The world would go awry.
It would be very difficult if these companies didn't exist, but you're not running out to buy those stocks.
Well, everything in context, right?
It depends on individual companies.
But I would say that the sector where this would be the case would be the utility company sector.
So we know if the electrical grid in your area were to disappear, that would be a massive problem.
But that doesn't mean you would want to invest in a company.
So as with everything, it depends on the individual company and circumstances.
But these companies often have a fair amount of debt.
So the utility industry is one of the most leveraged.
And that's because it has this requirement to maintain,
and build infrastructure. A lot of these companies pay a dividend, but if a company is taking
on too much debt and burning cash, it can put their ability to pay dividends at risk.
And if that's your reason for investing in one to have the dividends, you're going to run
into some trouble there.
And they've also run into some trouble with the comps now as interest rates rise, and
a lot of the utility companies were paying a healthy dividend. That becomes a little bit less
attractive if you can get a United States, literally risk-free investment for four or five percent.
Right. And it might sound crazy that a utility company would suspend or cut their dividend,
but it has happened. Last year, a utility company called Algonquin Power and Utilities actually
cut their dividend, something like 40 percent, to shore up their finances.
All right. So to add even a little bit more nuance, maybe there's a company you like that
completely fails the snap test. But, you know,
but maybe has historically been a good stock.

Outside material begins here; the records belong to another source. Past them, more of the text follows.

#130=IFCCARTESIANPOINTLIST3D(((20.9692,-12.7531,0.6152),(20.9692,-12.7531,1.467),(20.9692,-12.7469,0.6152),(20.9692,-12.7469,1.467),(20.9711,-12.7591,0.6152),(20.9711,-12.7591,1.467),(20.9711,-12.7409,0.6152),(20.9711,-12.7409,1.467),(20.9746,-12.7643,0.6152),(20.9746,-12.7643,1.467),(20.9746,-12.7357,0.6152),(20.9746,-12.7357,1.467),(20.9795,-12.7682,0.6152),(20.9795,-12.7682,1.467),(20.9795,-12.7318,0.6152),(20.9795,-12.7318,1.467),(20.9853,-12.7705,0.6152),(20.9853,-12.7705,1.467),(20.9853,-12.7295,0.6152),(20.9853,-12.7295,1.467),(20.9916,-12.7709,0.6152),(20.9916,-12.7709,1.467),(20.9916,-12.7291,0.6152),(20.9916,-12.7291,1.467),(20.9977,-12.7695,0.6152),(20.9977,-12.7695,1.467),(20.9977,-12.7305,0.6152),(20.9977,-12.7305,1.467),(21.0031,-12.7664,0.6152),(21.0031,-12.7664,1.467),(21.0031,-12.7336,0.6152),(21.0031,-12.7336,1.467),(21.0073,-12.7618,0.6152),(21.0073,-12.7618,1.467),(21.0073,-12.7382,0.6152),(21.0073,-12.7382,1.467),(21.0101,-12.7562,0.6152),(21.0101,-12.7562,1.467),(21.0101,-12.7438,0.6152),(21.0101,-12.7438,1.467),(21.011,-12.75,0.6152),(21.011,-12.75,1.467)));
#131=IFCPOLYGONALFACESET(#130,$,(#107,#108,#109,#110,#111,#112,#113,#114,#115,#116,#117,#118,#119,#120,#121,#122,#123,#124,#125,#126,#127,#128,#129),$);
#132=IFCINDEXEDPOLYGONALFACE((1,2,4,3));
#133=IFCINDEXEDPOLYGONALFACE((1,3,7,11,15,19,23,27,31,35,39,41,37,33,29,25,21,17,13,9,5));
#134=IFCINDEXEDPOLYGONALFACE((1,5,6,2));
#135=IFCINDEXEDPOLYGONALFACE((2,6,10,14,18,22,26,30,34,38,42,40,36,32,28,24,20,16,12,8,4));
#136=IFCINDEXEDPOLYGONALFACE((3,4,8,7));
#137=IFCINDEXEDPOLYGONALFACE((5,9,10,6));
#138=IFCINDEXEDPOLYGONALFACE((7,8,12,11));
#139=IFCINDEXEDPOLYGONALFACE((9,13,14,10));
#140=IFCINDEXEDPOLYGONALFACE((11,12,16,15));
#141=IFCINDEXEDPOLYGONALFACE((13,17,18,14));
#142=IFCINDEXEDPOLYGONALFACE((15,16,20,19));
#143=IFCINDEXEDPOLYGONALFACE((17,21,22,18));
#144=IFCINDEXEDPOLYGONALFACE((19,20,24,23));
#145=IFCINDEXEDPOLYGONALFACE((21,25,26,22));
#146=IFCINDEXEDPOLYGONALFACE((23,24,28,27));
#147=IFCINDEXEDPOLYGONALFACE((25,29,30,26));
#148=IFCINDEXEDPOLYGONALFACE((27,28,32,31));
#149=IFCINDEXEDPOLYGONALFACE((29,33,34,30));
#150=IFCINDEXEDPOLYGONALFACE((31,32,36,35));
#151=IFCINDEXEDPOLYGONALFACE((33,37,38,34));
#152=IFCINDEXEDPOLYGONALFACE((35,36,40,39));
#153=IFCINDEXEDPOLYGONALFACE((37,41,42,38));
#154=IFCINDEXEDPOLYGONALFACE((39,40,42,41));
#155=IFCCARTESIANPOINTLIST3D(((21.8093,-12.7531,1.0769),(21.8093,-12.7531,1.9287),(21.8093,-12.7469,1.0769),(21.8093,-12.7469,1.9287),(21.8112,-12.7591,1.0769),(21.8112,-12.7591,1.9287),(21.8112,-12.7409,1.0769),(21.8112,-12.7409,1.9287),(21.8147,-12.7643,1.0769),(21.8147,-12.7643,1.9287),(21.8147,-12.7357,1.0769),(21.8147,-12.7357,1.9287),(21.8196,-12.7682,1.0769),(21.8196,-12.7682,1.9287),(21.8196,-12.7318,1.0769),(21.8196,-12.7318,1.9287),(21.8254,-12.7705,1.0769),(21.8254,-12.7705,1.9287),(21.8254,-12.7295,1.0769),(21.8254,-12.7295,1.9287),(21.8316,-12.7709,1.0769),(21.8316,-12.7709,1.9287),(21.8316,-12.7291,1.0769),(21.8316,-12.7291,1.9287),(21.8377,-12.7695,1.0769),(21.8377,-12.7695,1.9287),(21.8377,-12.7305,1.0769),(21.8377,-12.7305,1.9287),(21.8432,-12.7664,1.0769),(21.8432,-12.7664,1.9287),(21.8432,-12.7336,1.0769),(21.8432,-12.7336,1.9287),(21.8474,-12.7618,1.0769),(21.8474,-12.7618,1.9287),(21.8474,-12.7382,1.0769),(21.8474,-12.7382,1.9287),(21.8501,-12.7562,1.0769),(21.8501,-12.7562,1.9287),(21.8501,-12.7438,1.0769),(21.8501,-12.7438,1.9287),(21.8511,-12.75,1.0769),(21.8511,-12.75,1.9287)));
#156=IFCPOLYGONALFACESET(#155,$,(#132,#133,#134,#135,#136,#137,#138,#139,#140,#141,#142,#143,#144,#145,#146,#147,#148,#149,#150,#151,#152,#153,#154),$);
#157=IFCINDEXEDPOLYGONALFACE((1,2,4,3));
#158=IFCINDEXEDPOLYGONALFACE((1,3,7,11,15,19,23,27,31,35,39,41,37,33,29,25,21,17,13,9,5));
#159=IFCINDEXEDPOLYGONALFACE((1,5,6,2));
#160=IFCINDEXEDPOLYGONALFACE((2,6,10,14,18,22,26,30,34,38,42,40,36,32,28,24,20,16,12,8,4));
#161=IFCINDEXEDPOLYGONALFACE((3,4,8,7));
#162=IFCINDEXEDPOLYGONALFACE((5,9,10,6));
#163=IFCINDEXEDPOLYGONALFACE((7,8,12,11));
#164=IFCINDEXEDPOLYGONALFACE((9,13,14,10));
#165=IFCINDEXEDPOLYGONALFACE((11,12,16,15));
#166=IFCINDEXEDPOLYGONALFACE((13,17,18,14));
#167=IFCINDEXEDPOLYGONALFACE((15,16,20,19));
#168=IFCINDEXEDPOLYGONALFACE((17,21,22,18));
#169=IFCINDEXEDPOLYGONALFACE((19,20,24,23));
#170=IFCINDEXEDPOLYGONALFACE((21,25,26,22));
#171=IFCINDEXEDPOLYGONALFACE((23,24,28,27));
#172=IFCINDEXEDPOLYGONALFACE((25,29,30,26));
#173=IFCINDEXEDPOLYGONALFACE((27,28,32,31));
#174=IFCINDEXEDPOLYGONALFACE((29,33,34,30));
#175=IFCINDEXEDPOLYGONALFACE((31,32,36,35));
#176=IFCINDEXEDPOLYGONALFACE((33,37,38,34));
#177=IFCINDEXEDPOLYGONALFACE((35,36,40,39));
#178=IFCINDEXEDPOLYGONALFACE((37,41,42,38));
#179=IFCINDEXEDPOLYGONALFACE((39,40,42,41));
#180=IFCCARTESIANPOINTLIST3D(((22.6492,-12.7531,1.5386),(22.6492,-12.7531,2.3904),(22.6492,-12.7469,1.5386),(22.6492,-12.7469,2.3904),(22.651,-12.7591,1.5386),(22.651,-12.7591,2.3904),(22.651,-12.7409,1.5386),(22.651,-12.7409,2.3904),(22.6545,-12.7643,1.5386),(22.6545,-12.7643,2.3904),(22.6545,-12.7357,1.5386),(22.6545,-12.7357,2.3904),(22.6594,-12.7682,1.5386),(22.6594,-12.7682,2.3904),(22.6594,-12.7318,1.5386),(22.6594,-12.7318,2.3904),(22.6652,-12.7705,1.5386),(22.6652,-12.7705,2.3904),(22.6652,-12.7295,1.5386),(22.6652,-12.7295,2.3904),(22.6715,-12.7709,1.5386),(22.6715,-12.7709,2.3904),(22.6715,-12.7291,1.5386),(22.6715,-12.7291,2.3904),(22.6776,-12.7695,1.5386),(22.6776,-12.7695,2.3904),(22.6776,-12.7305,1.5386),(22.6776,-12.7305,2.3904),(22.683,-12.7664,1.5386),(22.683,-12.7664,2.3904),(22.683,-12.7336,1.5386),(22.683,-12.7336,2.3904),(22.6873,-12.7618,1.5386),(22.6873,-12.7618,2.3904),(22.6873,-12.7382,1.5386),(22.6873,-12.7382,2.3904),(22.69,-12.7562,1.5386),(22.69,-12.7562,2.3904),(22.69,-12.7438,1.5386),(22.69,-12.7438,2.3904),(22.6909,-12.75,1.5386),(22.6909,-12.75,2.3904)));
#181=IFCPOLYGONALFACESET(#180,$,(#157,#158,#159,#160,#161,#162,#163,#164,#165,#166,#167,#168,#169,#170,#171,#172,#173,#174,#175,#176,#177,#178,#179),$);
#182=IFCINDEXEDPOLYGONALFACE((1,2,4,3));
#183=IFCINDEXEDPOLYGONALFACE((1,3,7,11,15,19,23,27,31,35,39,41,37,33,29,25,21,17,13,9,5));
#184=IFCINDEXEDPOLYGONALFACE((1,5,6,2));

One example I talked about recently with Bill Barker on the show was Crocs.
I think that's a company that for the past few years, it's beaten the market.
If one did not have crocs in existence, people could find alternate footwear, clog, sandals,
that kind of thing.
Yeah, definitely.
So for me, it would be Costco.
Really?
Yeah.
That would be a very painful loss if I didn't have Costco.
It would be for sure.
So we know they pioneered the membership warehouse club, keeps customers coming back, member
retention rate in the 90% range, continues to grow, generate cash.
But there is a lot of retail competition, and there are substitutes in the space, right?
Like Sam's Club.
So if you snapped it away, it's members, including me, and I'm guessing you, would definitely
feel the loss and be sad about the, particularly the loss of those bargain hot dogs.
But competitors could come in to fill the gap.
If you're a Costco member, you could still get groceries.
You could still get tires somewhere else.
It would be incredibly annoying, and I wouldn't like it very much.
Right.
Lish Outfieri, thank you for your time and your insight.
Glad to be here.
As always, people on the program may have interest in the stocks they talk about.
And the Motley Fool may have formal recommendations for or against.
So don't buy ourselves stocks based solely on what you hear.
I'm Dieter Willard. Thanks for listening. We'll see you tomorrow.